1. Histological or cytologically proven diagnosis of a locally advanced, unresectable, and/or metastatic solid tumor cancer with evidence of KRAS gene alteration (including gene mutation and wild type amplification).
2. Able to provide an archived tumor tissue sample or fresh biopsy sample.
3. Life expectancy ≥3 months at the start of treatment.
4. Eastern Cooperative Oncology Group (ECOG) performance status of 0 or 1.

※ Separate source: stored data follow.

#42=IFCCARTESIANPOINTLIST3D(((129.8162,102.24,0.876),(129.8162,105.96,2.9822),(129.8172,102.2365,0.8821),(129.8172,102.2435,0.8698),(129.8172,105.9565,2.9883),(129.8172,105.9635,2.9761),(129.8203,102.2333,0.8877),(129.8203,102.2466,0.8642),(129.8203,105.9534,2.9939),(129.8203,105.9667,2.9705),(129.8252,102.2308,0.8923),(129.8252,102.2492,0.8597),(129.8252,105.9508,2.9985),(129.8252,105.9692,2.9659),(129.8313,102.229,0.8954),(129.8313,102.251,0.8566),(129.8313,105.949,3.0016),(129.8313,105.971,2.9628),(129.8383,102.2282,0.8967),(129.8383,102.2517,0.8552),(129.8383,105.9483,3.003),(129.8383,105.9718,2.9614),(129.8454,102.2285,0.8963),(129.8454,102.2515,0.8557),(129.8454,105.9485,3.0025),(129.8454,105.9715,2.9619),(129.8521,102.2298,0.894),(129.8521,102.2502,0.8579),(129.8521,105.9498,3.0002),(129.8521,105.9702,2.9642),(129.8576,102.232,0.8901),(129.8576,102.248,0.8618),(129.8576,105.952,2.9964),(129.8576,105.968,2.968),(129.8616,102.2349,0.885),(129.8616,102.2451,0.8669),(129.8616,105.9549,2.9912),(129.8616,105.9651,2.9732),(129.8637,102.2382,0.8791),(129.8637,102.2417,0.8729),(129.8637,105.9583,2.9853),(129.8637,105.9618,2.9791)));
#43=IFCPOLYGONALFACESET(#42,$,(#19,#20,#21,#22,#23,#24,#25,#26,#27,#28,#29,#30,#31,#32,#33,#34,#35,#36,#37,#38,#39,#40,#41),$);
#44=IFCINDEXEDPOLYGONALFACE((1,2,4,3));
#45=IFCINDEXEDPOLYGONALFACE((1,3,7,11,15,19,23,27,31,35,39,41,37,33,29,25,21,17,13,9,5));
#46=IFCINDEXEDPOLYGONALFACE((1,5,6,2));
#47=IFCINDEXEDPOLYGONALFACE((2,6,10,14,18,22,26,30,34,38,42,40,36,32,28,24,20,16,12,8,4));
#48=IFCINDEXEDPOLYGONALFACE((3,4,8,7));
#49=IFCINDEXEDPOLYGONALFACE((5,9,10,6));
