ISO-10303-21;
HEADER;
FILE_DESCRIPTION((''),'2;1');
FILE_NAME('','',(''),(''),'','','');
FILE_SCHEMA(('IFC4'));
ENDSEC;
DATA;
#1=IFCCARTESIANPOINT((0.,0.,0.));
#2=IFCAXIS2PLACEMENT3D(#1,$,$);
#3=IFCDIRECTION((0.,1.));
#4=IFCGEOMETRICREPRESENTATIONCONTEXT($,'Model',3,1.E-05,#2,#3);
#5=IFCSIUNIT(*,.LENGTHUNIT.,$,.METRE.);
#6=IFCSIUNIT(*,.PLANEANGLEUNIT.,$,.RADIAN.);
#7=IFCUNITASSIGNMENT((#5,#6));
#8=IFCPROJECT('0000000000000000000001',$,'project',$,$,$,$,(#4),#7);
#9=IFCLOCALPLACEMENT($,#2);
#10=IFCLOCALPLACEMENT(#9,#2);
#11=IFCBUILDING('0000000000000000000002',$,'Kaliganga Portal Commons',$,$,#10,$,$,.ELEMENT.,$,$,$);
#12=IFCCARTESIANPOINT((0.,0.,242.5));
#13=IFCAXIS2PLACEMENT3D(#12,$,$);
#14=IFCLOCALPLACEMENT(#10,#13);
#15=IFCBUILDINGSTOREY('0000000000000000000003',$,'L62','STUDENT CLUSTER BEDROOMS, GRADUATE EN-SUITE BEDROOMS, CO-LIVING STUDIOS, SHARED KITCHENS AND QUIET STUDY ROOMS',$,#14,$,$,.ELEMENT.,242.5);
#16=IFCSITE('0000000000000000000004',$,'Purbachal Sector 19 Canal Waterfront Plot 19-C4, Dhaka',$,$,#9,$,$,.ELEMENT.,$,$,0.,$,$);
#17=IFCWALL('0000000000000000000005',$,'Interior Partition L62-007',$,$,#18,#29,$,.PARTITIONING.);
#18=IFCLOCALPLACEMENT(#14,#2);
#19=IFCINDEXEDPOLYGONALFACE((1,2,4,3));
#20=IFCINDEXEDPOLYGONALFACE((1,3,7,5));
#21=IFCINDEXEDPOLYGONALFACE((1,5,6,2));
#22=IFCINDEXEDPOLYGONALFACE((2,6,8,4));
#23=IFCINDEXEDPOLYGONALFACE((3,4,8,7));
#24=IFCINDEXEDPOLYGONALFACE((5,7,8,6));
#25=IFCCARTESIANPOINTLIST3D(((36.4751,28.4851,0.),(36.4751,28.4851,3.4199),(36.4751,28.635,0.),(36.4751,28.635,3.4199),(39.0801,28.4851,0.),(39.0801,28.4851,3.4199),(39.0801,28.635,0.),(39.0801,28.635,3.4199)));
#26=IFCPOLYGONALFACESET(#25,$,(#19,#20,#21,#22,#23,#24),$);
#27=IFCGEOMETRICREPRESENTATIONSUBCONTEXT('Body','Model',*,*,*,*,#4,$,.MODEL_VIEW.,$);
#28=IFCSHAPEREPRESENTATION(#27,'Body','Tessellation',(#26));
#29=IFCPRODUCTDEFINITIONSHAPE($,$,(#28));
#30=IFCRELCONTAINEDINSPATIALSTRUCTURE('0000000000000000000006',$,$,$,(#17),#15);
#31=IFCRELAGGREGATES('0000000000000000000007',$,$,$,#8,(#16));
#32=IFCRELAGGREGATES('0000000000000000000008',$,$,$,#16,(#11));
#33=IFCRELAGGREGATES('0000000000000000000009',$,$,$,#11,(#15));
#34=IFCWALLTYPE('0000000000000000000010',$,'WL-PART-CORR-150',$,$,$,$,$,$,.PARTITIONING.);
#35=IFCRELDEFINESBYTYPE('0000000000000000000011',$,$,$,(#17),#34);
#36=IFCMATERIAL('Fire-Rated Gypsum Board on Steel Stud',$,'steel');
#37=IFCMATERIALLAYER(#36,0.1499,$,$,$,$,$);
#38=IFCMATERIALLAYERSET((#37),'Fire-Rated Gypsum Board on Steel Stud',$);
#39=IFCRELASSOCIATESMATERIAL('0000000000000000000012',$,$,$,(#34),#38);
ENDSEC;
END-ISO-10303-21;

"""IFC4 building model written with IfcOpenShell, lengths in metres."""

from ifc_helpers import new_model, si_unit, direction, frame, frame_2d, origin, place, context, subcontext, project, spatial, rectangle, extrude, material, layer, layer_set, type_object, element, save


model = new_model("IFC4")

# Units and contexts
model_context = context("Model", 3, precision=1e-05, world=origin(), true_north=direction((0.0, 1.0)))
body_context = subcontext(model_context, "Body", "Model", "MODEL_VIEW")
ifc_project = project(units=[si_unit("LENGTHUNIT", "METRE"), si_unit("PLANEANGLEUNIT", "RADIAN")], contexts=[model_context])

# Site, building, storey
site_placement = place(None, origin())
site = spatial("IfcSite", under=ifc_project, at=site_placement, Name="Purbachal Sector 19 Canal Waterfront Plot 19-C4, Dhaka", CompositionType="ELEMENT", RefElevation=0.0)
building_placement = place(site_placement, origin())
building = spatial("IfcBuilding", under=site, at=building_placement, Name="Kaliganga Portal Commons", CompositionType="ELEMENT")
storey_placement = place(building_placement, frame((0.0, 0.0, 242.5)))
storey = spatial("IfcBuildingStorey", under=building, at=storey_placement, Name="L62", Description="STUDENT CLUSTER BEDROOMS, GRADUATE EN-SUITE BEDROOMS, CO-LIVING STUDIOS, SHARED KITCHENS AND QUIET STUDY ROOMS", CompositionType="ELEMENT", Elevation=242.5)

# Wall
ifc_material_1 = material(Name="Fire-Rated Gypsum Board on Steel Stud", Category="steel")
ifc_layer_1 = layer(ifc_material_1, 0.1499)
ifc_layer_set_1 = layer_set([ifc_layer_1], Name="Fire-Rated Gypsum Board on Steel Stud")
wall_type = type_object("IfcWallType", Name="WL-PART-CORR-150", PredefinedType="PARTITIONING", material=ifc_layer_set_1)
wall_placement = place(storey_placement, frame((36.4751, 28.5601, 0.0), z_axis=(0.0, 0.0, 1.0), x_axis=(1.0, 0.0, 0.0)))
element("IfcWall", 1, at=wall_placement, inside=storey, type_object=wall_type, Name="Interior Partition L62-007", PredefinedType="PARTITIONING", context=body_context, shape_type="SweptSolid", body=[
    extrude(rectangle(XDim=2.605, YDim=0.1499, at=frame_2d((1.3025, 0.0))), origin(), (0.0, 0.0, 1.0), 3.4199),
])

save(model, "model.ifc")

5. ≥1 measurable lesion per RECIST v1.1.
6. Adequate organ function.

Exclusion Criteria:

1. Unable to swallow oral medications or with gastrointestinal dysfunction or gastrointestinal disease that significantly alters the absorption of medication.
2. Previous treatment with rat sarcoma (RAS) targeting agents.
3. Symptomatic, untreated, or actively progressing known central nervous system (CNS) metastases.
4. Impaired cardiovascular function or clinically significant cardiac disease.
5. Mean QT interval corrected using Fridericia's formula (QTcF) >470 msec.
6. Females who are pregnant or breastfeeding.